# Tons of bees are flying in front of hives! Help!



## Chemguy (Nov 26, 2012)

they are likely orienting, and will do so each day


----------



## TPalmer (Jun 11, 2012)

I have 4 hives in my back yard and all four will do what you describe at least once a day. My understanding is they need to relieve themselves (go the the bathroom). They will not do this in the hive. Also I belive they are doing orientation flights. Mine do this normally towards the afternoon and only lasts about 15 mins. If yours are lasting longer then maybe you have a strong flow going on. Just a thought. Now I have board on board fence around my yard and the neighbors didn't even know I had hives till I told them and gave them a jar of honey.


----------



## BeeCurious (Aug 7, 2007)

If you absolutely need to calm things down set a lawn sprinkler up to make flying less attractive... 

If there's a chance of robbing reduce the entrances.


----------



## JRG13 (May 11, 2012)

It's orienting, like this....

http://www.youtube.com/watch?v=oA7mxsld0Fk

That was a couple months ago. 5 minutes later it was mostly settled back down, but sometimes you just show up at the right time to see them doing it in mass. It was kind of funny, the orientation flights in that yard kind of progress, when one hive is about done another one starts up.


----------



## BeeCurious (Aug 7, 2007)

It sounds like the hives should be hosted at a different location if normal activity is going to present a problem with the neighbors....


----------



## Delta (Jan 23, 2013)

I'm new also and my hive does the same thing around 2:30 every day lasts between 30 and 60 min. I would say it is orientation flights / cleansing flights IMO.


----------



## Mr.Beeman (May 19, 2012)

Orientation flights from the youngins.


----------



## Ben Franklin (May 3, 2011)

I posted a video on orientation flight yesterday.


----------



## Ben Franklin (May 3, 2011)

http://www.youtube.com/watch?v=JRFWZv4HZY8


----------



## Michael Bush (Aug 2, 2002)

http://www.bushfarms.com/beesfaqs.htm#orientation

Orientation...


----------



## bevy's honeybees (Apr 21, 2011)

I agree, orientation.

Unless it's what happened to me yesterday at the same time.
At orientation time, one of my hives swarmed. Not again! I don't get it, as these are my backyard hives which I know are not overcrowded. No qe used. 

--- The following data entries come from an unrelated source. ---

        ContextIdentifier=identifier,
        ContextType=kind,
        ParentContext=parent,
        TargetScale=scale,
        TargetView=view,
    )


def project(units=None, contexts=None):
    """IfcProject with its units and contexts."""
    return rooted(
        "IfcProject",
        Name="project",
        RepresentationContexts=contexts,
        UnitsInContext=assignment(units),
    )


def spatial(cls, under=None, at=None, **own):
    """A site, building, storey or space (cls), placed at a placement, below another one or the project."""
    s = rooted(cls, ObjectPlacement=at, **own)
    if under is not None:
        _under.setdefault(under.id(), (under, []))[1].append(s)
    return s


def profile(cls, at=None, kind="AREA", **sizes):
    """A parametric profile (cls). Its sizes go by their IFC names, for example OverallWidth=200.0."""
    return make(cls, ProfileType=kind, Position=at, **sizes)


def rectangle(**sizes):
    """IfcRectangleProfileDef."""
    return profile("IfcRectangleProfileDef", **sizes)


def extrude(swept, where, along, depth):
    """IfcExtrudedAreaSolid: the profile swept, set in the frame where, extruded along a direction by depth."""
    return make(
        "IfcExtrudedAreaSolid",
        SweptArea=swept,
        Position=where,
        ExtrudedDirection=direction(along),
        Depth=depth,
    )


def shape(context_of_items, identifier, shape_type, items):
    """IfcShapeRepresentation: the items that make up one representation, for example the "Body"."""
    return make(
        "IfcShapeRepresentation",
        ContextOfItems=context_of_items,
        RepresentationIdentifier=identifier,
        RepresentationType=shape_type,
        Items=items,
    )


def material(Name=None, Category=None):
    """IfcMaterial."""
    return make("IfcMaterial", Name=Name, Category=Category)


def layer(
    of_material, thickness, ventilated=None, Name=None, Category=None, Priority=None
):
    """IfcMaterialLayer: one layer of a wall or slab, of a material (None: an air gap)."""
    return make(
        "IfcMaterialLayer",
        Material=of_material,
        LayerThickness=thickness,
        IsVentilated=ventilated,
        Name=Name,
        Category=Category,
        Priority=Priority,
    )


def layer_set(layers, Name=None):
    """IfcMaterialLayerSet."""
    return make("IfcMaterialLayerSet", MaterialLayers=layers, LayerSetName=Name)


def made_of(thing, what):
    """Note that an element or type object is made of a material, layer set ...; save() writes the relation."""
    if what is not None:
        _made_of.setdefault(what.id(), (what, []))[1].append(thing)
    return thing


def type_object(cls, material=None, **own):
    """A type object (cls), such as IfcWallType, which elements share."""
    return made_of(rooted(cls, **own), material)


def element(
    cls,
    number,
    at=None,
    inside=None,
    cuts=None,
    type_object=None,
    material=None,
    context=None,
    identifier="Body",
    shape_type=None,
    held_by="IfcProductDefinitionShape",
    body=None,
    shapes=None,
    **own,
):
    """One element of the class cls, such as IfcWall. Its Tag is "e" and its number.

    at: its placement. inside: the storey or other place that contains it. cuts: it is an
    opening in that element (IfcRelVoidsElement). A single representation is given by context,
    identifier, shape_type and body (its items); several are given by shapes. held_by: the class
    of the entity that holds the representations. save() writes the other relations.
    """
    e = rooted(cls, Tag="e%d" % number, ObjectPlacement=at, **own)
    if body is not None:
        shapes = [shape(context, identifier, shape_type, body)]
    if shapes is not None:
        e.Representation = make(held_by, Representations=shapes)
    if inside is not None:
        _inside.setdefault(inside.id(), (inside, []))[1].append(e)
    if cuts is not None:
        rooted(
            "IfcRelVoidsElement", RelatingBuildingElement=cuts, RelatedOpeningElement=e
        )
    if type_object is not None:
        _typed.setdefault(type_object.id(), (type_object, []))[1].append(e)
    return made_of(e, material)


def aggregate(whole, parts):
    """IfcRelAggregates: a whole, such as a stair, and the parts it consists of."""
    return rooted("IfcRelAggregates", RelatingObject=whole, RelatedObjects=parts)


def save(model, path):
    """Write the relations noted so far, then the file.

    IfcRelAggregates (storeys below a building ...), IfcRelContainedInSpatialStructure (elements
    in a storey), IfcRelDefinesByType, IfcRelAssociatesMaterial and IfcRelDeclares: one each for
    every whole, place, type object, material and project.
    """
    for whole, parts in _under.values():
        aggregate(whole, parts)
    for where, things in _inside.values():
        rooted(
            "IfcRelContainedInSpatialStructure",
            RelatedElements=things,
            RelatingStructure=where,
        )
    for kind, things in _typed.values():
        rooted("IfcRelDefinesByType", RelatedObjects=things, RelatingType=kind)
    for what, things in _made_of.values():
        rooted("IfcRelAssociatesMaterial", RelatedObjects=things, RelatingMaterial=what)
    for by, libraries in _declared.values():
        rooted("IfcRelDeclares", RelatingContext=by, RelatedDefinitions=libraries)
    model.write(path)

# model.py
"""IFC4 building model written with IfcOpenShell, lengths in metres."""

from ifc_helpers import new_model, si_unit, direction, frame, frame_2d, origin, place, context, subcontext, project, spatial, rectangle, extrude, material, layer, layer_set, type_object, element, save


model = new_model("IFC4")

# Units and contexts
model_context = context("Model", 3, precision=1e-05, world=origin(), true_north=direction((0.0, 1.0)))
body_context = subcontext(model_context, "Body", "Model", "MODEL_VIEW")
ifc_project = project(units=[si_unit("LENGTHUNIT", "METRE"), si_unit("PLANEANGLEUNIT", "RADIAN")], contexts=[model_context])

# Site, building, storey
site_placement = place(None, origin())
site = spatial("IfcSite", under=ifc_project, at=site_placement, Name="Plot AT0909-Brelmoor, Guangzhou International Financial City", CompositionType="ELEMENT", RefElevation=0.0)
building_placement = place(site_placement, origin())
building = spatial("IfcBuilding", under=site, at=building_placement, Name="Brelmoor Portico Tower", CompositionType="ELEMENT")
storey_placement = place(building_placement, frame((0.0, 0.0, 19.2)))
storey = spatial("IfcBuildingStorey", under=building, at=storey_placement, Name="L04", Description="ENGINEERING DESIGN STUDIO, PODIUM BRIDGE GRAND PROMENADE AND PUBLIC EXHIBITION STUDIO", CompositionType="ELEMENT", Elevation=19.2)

I knew it was swarming because they were filling the air above the shed/hives. I went out to see which hive was swarming, but orientation also was going on and I couldn't deterimine which one was swarming. I think I know which one now, but haven't looked inside yet. I watched as they went to a branch high up in one of the pines behind my lot. I put out a bait box, but as of 11:30 am they are gone.


----------



## JRG13 (May 11, 2012)

Don't have to be crowded to swarm... if they backfill sufficiently they will start packing. You need to make sure they keep a continuous broodnest to reduce swarming during high flows. Sometimes it's not easy if a lot of pollen is coming in.


----------